What does a third-term government do? History offers some lessons. Sir Keith Holyoake won his third term in 1966 just as the terms of trade turned sour and the economy turned down.

He called a nine-month-long national development conference of all economic interest groups to do some "indicative planning" and set 10-year targets. He scraped a fourth term in 1969.

Sir Robert Muldoon managed to win a third term in 1981 amid roaring inflation and rising debt driven off a chronic balance of payments deficit.

He did have some new policy: during 1981 he concocted a "think big" programme of state-subsidised energy and heavy industrial development.

But "think big" did not rescue the economy. It eventually became a heavy cost on the Exchequer. Meanwhile in 1982 Muldoon gave up on serious long-range economic policy and retreated into a dead-end, wage-price-rent-interest freeze.

Jim Bolger won a third term in 1996 only by doing a very detailed deal with Winston Peters which hamstrung his government.

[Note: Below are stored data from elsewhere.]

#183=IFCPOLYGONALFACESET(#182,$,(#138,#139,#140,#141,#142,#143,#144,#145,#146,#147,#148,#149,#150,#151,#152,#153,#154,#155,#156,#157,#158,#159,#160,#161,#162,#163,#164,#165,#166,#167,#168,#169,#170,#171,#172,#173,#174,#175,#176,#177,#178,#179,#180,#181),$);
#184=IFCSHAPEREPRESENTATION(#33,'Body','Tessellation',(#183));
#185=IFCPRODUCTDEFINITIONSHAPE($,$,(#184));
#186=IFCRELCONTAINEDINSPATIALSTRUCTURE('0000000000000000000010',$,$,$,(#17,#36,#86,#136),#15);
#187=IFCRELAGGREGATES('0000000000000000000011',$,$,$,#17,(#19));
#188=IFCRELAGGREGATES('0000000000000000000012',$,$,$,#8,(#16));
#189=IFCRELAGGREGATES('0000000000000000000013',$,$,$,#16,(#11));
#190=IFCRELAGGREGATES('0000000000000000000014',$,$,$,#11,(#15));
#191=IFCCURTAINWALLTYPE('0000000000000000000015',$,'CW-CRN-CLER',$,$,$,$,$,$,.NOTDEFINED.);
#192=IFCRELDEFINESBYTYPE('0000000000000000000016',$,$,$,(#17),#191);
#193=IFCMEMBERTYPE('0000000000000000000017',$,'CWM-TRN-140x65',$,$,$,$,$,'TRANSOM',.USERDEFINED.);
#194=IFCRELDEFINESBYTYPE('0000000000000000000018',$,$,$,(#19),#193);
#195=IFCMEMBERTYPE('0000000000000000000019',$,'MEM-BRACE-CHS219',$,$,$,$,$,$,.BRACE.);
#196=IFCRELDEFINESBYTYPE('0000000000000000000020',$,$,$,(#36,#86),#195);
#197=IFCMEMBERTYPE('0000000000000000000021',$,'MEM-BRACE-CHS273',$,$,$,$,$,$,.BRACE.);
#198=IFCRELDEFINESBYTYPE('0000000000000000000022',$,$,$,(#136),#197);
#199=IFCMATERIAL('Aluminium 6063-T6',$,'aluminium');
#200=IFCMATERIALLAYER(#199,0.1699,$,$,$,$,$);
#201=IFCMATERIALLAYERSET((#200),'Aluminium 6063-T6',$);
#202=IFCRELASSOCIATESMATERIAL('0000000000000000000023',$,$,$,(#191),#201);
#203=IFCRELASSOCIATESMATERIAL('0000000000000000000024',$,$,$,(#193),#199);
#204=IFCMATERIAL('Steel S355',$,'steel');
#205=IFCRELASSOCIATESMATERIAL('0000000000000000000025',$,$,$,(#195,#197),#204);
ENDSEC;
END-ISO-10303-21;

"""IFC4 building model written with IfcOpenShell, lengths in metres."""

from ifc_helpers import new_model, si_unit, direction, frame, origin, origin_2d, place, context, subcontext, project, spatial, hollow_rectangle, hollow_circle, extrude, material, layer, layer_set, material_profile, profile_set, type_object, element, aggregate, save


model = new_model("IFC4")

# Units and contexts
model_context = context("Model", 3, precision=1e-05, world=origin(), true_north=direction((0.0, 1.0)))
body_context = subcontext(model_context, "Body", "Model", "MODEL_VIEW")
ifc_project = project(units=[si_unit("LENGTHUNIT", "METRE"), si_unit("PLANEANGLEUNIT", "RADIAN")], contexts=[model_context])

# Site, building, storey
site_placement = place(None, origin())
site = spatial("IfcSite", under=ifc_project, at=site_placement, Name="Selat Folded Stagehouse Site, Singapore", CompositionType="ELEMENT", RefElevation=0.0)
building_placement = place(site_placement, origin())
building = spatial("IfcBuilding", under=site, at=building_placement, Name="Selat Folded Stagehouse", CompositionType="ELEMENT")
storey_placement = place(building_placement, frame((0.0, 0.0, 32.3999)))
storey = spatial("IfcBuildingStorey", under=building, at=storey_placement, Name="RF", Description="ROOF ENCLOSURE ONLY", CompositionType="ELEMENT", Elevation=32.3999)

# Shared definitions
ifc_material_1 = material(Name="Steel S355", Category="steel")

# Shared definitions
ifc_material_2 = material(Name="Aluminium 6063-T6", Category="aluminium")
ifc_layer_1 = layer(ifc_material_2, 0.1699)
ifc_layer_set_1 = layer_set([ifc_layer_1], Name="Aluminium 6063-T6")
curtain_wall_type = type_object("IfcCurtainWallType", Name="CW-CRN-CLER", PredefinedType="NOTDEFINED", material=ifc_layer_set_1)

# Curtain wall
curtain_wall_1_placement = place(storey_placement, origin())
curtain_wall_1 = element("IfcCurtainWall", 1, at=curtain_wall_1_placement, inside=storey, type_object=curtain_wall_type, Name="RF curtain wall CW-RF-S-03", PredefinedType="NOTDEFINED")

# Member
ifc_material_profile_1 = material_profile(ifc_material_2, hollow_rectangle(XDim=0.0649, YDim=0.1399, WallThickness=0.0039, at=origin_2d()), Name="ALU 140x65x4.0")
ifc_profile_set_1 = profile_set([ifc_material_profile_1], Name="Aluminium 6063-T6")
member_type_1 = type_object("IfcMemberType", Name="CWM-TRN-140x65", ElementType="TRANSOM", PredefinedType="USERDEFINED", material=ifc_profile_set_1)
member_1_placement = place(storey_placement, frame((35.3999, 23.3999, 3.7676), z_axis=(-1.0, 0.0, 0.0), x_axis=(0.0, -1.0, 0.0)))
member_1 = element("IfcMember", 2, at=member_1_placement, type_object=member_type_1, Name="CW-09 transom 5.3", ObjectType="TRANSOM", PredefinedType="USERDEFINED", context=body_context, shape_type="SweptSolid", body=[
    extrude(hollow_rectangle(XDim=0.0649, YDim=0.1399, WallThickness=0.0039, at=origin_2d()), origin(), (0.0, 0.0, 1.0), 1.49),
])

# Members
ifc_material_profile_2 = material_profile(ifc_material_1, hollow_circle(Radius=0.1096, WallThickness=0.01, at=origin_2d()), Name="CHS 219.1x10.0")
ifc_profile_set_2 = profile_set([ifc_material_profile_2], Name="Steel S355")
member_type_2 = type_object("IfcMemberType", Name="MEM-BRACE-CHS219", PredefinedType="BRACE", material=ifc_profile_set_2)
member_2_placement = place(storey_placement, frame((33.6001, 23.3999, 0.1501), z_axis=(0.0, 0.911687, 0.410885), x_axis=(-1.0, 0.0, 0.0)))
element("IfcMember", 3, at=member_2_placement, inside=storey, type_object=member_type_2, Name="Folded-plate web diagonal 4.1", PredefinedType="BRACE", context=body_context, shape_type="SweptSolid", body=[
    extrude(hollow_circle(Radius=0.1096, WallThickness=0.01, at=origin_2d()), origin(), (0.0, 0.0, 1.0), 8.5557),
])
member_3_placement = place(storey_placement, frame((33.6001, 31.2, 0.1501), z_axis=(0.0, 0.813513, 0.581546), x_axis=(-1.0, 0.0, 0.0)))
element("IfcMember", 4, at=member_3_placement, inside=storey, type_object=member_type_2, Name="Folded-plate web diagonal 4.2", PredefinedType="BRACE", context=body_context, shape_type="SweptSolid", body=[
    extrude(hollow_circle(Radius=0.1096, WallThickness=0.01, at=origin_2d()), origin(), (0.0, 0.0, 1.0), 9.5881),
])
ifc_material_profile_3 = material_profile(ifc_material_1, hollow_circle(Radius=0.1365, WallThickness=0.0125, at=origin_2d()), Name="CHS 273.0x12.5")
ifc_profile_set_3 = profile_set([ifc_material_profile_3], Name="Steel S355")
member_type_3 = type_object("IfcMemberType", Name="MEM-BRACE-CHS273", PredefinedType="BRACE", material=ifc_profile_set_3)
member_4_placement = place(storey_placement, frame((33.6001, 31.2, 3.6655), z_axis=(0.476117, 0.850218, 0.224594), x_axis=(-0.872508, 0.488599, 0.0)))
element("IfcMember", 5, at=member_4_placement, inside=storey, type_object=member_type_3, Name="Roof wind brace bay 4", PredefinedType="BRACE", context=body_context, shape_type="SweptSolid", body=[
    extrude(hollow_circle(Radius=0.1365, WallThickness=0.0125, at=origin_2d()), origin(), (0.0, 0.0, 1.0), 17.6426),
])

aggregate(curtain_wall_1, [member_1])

Jenny Shipley turfed Bolger out in exasperation but then couldn't get policy traction running a minority government.

For Labour a third term is novel. It has not had one since 1943-46. Between times it fell into the habit of cramming its programme into a term or two because it couldn't count on more.

So Helen Clark is in largely uncharted territory. What is she to do with an extra three years?

Break that question down into types of activity and policy. Different types predominate at different times in a government's life and to accommodate differing combinations after elections.

The highest-profile policy type is manifesto law-change commitments, such as Brash's election promises of lower taxes and abolition of the Maori seats.

These are high-energy matters and stir up heated argument, as Labour found when it re-regulated the labour market in 2000 and when it backed civil unions in 2004.

Labour has nothing left in that line. The Greens have plenty, New Zealand First has some, not to mention the Maori party--but they are tails, not the dog.

Of course, there is the completion or continuation of original manifesto commitments. Labour's second term essentially completed the 1999 manifesto and Clark's third-term election promises boiled down to continuing down the path she set in the first two terms. …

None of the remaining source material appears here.